Details
Originalsprache | Englisch |
---|---|
Titel des Sammelwerks | 8th Workshop on Argument Mining, ArgMining 2021 - Proceedings |
Herausgeber/-innen | Khalid Al-Khatib, Yufang Hou, Manfred Stede |
Seiten | 175-183 |
Seitenumfang | 9 |
ISBN (elektronisch) | 9781954085923 |
Publikationsstatus | Veröffentlicht - 1 Nov. 2021 |
Extern publiziert | Ja |
Abstract
We contribute to the ArgMining 2021 shared task on Quantitative Summarization and Key Point Analysis with two approaches for argument key point matching. For key point matching the task is to decide if a short key point matches the content of an argument with the same topic and stance towards the topic.

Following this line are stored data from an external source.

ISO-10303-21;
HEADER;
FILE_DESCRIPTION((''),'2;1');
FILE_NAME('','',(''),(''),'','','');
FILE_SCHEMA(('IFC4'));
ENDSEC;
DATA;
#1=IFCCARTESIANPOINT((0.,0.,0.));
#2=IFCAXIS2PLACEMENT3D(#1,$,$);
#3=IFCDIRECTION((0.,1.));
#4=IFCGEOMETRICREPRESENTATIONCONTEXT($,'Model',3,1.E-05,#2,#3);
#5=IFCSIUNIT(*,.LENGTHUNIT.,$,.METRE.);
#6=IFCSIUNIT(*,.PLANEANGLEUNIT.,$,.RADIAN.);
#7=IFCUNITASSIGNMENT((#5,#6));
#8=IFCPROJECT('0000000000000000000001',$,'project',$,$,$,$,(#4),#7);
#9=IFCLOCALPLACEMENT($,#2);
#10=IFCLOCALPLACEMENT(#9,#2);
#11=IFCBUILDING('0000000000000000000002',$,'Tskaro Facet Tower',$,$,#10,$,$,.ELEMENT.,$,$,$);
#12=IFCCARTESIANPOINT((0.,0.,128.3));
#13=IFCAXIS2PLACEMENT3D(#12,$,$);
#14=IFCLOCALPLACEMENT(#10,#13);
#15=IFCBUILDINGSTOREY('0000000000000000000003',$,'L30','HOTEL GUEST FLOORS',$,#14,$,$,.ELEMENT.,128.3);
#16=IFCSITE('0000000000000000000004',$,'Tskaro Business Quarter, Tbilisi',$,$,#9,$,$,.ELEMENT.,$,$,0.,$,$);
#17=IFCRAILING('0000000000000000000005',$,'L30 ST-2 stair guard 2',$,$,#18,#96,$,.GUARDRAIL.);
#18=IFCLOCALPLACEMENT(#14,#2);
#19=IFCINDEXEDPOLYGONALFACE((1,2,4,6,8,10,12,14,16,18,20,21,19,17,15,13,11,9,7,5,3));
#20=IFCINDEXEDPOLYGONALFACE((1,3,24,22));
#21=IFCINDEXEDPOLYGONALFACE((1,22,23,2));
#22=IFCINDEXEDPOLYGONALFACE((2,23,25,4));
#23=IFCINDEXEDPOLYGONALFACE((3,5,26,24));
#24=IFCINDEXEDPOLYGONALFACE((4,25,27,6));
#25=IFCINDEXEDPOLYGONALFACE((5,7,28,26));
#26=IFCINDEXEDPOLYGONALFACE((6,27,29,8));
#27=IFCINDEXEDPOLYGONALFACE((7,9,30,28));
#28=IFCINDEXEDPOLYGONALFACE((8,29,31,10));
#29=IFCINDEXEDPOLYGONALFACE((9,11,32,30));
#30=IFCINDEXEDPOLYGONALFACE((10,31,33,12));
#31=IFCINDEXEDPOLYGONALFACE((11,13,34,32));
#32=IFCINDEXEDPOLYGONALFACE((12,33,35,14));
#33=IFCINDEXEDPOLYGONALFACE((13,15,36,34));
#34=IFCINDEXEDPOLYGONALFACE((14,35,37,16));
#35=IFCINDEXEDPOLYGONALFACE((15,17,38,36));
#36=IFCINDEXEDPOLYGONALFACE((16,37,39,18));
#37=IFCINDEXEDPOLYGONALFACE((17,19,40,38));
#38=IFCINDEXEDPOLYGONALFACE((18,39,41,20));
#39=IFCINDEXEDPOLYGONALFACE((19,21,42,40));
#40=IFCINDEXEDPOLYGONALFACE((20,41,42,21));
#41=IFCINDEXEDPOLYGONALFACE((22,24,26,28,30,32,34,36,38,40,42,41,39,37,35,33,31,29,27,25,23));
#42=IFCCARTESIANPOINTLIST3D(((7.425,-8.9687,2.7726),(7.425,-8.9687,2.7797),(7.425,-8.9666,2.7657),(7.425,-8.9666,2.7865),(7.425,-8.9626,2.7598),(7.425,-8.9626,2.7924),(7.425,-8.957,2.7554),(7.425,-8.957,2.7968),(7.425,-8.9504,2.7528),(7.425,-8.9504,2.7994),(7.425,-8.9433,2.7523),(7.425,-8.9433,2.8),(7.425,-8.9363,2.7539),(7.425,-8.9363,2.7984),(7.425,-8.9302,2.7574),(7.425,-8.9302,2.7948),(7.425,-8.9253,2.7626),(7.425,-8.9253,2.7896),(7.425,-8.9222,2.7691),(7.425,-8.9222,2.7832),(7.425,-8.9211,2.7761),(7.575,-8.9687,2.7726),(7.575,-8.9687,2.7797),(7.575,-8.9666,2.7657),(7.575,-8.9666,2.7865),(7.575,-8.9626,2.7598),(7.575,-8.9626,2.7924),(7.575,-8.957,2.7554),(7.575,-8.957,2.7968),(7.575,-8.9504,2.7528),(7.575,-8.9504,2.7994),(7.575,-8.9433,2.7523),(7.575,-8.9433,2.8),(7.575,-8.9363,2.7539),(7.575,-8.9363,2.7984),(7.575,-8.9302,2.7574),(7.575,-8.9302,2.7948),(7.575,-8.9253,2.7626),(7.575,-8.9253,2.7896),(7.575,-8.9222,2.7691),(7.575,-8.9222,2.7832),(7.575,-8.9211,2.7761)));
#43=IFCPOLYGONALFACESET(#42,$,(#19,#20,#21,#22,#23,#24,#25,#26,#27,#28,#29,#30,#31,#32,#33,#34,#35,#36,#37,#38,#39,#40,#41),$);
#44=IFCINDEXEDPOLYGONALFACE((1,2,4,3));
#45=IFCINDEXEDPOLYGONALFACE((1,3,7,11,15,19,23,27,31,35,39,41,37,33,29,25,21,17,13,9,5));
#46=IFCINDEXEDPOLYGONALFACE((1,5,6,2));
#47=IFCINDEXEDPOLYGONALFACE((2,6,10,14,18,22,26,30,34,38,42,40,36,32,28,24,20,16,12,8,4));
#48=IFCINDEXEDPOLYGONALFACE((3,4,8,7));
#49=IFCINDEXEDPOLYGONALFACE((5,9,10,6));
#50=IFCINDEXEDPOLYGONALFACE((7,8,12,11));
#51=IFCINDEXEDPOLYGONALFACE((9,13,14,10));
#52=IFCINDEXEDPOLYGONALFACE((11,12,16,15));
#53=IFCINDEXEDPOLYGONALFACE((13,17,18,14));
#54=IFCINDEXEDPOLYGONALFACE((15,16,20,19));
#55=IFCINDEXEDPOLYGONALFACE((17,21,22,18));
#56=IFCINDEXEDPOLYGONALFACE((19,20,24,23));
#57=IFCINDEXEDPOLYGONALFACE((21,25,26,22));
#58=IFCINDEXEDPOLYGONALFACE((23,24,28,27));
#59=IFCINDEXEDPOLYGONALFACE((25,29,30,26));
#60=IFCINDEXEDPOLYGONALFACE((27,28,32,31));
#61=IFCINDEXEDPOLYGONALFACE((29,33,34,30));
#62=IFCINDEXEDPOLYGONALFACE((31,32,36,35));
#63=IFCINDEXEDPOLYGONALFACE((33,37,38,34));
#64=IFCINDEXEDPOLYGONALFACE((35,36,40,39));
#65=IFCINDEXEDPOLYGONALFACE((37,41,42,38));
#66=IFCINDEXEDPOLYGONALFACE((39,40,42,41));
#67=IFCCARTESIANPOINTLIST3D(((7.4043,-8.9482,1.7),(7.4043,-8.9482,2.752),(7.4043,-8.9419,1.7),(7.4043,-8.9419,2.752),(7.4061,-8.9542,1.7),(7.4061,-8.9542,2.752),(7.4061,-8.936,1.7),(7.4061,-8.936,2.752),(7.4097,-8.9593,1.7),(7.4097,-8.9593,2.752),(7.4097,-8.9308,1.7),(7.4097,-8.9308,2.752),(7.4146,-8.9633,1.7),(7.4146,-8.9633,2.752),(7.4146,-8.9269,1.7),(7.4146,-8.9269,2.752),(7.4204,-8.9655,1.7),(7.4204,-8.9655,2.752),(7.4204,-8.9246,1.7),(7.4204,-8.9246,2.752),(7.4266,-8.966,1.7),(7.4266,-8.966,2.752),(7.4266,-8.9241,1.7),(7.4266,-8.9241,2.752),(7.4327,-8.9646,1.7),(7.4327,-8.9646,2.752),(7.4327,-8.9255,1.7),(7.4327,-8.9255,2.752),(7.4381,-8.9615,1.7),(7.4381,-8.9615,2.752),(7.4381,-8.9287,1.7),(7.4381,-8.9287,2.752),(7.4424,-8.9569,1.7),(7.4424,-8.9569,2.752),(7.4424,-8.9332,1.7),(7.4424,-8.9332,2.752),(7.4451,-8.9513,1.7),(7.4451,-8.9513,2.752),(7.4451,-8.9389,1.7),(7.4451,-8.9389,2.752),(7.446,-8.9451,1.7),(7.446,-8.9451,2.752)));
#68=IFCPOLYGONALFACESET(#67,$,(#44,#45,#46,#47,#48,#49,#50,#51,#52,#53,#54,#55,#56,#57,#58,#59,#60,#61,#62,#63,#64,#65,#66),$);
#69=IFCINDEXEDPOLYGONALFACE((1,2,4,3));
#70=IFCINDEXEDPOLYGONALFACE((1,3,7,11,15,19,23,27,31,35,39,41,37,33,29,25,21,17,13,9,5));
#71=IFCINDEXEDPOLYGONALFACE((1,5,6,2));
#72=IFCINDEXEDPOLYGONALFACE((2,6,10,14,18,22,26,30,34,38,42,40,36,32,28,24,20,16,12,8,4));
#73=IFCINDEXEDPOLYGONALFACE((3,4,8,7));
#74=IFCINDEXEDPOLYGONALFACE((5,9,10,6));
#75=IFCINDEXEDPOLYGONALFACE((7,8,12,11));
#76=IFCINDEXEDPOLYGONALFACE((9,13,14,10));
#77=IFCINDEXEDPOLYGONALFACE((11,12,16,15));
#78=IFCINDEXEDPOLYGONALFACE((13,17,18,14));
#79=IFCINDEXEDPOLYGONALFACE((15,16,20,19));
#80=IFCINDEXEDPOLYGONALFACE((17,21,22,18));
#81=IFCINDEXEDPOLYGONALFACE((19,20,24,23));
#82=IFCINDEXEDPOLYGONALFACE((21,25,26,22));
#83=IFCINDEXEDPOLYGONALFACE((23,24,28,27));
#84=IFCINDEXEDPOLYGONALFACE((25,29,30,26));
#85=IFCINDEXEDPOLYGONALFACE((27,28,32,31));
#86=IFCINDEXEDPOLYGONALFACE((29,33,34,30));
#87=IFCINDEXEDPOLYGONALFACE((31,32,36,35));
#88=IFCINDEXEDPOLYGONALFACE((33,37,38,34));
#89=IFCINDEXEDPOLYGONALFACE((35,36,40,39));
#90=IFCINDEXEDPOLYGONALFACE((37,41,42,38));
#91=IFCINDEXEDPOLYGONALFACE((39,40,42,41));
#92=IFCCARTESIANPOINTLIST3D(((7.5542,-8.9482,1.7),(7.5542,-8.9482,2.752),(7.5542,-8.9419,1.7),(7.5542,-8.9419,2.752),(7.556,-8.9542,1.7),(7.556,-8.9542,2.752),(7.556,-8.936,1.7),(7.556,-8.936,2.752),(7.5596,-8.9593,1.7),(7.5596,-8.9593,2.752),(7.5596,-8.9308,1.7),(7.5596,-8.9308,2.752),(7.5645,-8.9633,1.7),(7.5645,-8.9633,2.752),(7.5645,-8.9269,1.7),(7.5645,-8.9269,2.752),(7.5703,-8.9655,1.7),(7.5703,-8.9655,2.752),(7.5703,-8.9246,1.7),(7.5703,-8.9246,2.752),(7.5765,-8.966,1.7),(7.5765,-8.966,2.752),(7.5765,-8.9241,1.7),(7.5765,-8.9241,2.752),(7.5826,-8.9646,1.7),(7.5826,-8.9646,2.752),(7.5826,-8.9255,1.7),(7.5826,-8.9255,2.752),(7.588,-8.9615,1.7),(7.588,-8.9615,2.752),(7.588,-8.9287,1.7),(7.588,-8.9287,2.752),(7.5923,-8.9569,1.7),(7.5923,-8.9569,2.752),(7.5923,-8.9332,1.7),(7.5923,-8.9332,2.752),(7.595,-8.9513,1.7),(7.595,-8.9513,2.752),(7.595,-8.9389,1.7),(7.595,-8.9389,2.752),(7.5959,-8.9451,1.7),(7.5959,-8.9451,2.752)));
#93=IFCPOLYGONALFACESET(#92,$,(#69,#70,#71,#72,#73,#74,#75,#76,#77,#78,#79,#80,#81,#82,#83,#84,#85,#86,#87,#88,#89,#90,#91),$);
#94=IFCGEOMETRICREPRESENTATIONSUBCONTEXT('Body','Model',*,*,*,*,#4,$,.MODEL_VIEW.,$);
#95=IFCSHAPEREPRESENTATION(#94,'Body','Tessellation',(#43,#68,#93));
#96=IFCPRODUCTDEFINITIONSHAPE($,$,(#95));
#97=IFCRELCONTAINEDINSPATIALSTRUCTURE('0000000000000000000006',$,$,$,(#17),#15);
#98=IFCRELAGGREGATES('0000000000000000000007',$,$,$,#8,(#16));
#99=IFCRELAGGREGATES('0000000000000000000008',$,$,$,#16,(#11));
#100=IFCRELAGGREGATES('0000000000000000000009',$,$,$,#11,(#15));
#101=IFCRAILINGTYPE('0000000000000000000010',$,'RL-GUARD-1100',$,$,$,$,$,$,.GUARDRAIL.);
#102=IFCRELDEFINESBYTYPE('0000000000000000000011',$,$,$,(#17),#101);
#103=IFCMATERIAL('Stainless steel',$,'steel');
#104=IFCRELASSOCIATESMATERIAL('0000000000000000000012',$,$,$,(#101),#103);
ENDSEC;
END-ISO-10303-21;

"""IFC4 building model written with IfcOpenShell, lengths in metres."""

from ifc_helpers import new_model, si_unit, direction, frame, origin, origin_2d, place, context, subcontext, project, spatial, circle, extrude, material, type_object, element, save


model = new_model("IFC4")

# Units and contexts
model_context = context("Model", 3, precision=1e-05, world=origin(), true_north=direction((0.0, 1.0)))
body_context = subcontext(model_context, "Body", "Model", "MODEL_VIEW")
ifc_project = project(units=[si_unit("LENGTHUNIT", "METRE"), si_unit("PLANEANGLEUNIT", "RADIAN")], contexts=[model_context])

# Site, building, storey
site_placement = place(None, origin())
site = spatial("IfcSite", under=ifc_project, at=site_placement, Name="Tskaro Business Quarter, Tbilisi", CompositionType="ELEMENT", RefElevation=0.0)
building_placement = place(site_placement, origin())
building = spatial("IfcBuilding", under=site, at=building_placement, Name="Tskaro Facet Tower", CompositionType="ELEMENT")
storey_placement = place(building_placement, frame((0.0, 0.0, 128.3)))
storey = spatial("IfcBuildingStorey", under=building, at=storey_placement, Name="L30", Description="HOTEL GUEST FLOORS", CompositionType="ELEMENT", Elevation=128.3)

# Railing
ifc_material_1 = material(Name="Stainless steel", Category="steel")
railing_type_1 = type_object("IfcRailingType", Name="RL-GUARD-1100", PredefinedType="GUARDRAIL", material=ifc_material_1)
railing_1_placement = place(storey_placement, frame((7.425, -8.9451, 1.7)))
element("IfcRailing", 1, at=railing_1_placement, inside=storey, type_object=railing_type_1, Name="L30 ST-2 stair guard 2", PredefinedType="GUARDRAIL", context=body_context, shape_type="SweptSolid", body=[
    extrude(circle(Radius=0.0239, at=origin_2d()), frame((0.0, 0.0, 1.0762), z_axis=(1.0, 0.0, 0.0), x_axis=(0.0, 1.0, 0.0)), (0.0, 0.0, 1.0), 0.1499),
    extrude(circle(Radius=0.021, at=origin_2d()), origin(), (0.0, 0.0, 1.0), 1.052),
    extrude(circle(Radius=0.021, at=origin_2d()), frame((0.1499, 0.0, 0.0)), (0.0, 0.0, 1.0), 1.052),
])

save(model, "model.ifc")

We approach this task in two ways: First, we develop a simple rule-based baseline matcher by computing token overlap after removing stop words, stemming, and adding synonyms/antonyms. Second, we fine-tune pretrained BERT and RoBERTa language models as a regression classifier for only a single epoch. We manually examine errors of our proposed matcher models and find that long arguments are harder to classify. Our fine-tuned RoBERTa-Base model achieves a mean average precision score of 0.913, the best score for strict labels of all participating teams.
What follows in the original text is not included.